Estimation of the complete stress tensor to 8 km depth in the KTB scientific drill holes: Implications for crustal strength

Abstract

For many years, in situ stress in the brittle crust has been measured at relatively shallow depth and related to the mechanical behavior of the crust as inferred from laboratory studies and faulting theory. A continuous profile of the magnitudes and orientations of the three principal stresses has been estimated to depths of 7.7 km and 8.6 km in the German Continental Deep Drilling Program (KTB). This was achieved by hydraulic fracturing tests at relatively shallow depth (1–3 km), estimates of the magnitude of the least horizontal principal stress provided by modified hydraulic fracturing experiments at 6 km and 9 km depths, and analysis of compressional (breakouts) and tensile (drilling‐induced tensile wall fractures) failures of the borehole wall over nearly the entire depth of the KTB borehole. The orientation of the maximum horizontal principal stress was found to be uniform with depth with an orientation of N160°±10°E, which is consistent with the average orientation found throughout western Europe.
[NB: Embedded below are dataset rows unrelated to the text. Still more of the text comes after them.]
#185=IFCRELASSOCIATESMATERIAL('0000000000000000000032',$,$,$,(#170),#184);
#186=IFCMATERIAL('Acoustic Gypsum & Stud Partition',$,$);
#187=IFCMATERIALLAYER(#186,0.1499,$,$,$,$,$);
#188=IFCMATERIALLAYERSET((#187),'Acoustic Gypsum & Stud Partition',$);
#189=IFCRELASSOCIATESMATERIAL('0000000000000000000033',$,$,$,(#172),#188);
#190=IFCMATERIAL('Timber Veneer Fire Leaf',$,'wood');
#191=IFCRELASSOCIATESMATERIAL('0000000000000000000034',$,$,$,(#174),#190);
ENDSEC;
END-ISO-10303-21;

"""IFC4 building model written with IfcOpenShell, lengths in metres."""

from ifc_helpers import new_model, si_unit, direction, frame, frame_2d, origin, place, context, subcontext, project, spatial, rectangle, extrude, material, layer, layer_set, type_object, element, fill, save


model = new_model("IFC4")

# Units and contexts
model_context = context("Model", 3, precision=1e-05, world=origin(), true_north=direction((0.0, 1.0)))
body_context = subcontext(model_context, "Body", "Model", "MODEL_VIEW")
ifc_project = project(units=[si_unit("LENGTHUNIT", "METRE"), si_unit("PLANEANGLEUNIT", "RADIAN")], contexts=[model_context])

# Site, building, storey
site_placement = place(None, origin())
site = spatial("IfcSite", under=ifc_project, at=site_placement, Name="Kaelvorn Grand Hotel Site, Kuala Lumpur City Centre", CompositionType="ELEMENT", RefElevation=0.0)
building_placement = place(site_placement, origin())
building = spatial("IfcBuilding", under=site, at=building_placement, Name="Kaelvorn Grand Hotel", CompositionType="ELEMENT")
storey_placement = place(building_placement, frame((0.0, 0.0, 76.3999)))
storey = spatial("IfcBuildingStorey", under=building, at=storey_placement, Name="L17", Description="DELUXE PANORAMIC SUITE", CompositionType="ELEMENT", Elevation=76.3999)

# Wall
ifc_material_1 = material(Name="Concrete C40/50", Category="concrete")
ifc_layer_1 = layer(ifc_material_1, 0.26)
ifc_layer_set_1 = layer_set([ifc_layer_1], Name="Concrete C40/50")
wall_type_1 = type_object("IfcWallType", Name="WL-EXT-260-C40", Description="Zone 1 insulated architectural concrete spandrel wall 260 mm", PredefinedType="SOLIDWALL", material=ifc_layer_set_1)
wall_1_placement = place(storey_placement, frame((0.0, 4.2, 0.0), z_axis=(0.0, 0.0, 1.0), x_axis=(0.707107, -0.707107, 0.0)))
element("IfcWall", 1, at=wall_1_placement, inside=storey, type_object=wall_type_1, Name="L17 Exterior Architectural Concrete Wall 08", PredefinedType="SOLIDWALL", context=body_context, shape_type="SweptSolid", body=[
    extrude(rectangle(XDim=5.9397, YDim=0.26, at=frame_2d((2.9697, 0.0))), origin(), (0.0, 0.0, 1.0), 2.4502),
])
The only significant change in stress orientation was observed directly below a major fault zone crosscutting the borehole. The profile of stress magnitudes we have obtained demonstrates that to a depth of 8 km, the state of stress in the brittle crust in southern Germany is in frictional equilibrium. That is, the ratio of shear to normal stress as resolved on preexisting faults which are well‐oriented to the in situ stress field is comparable to their frictional strength based on predictions of Coulomb faulting theory for a coefficient of friction of about 0.7 and near‐hydrostatic pore pressure.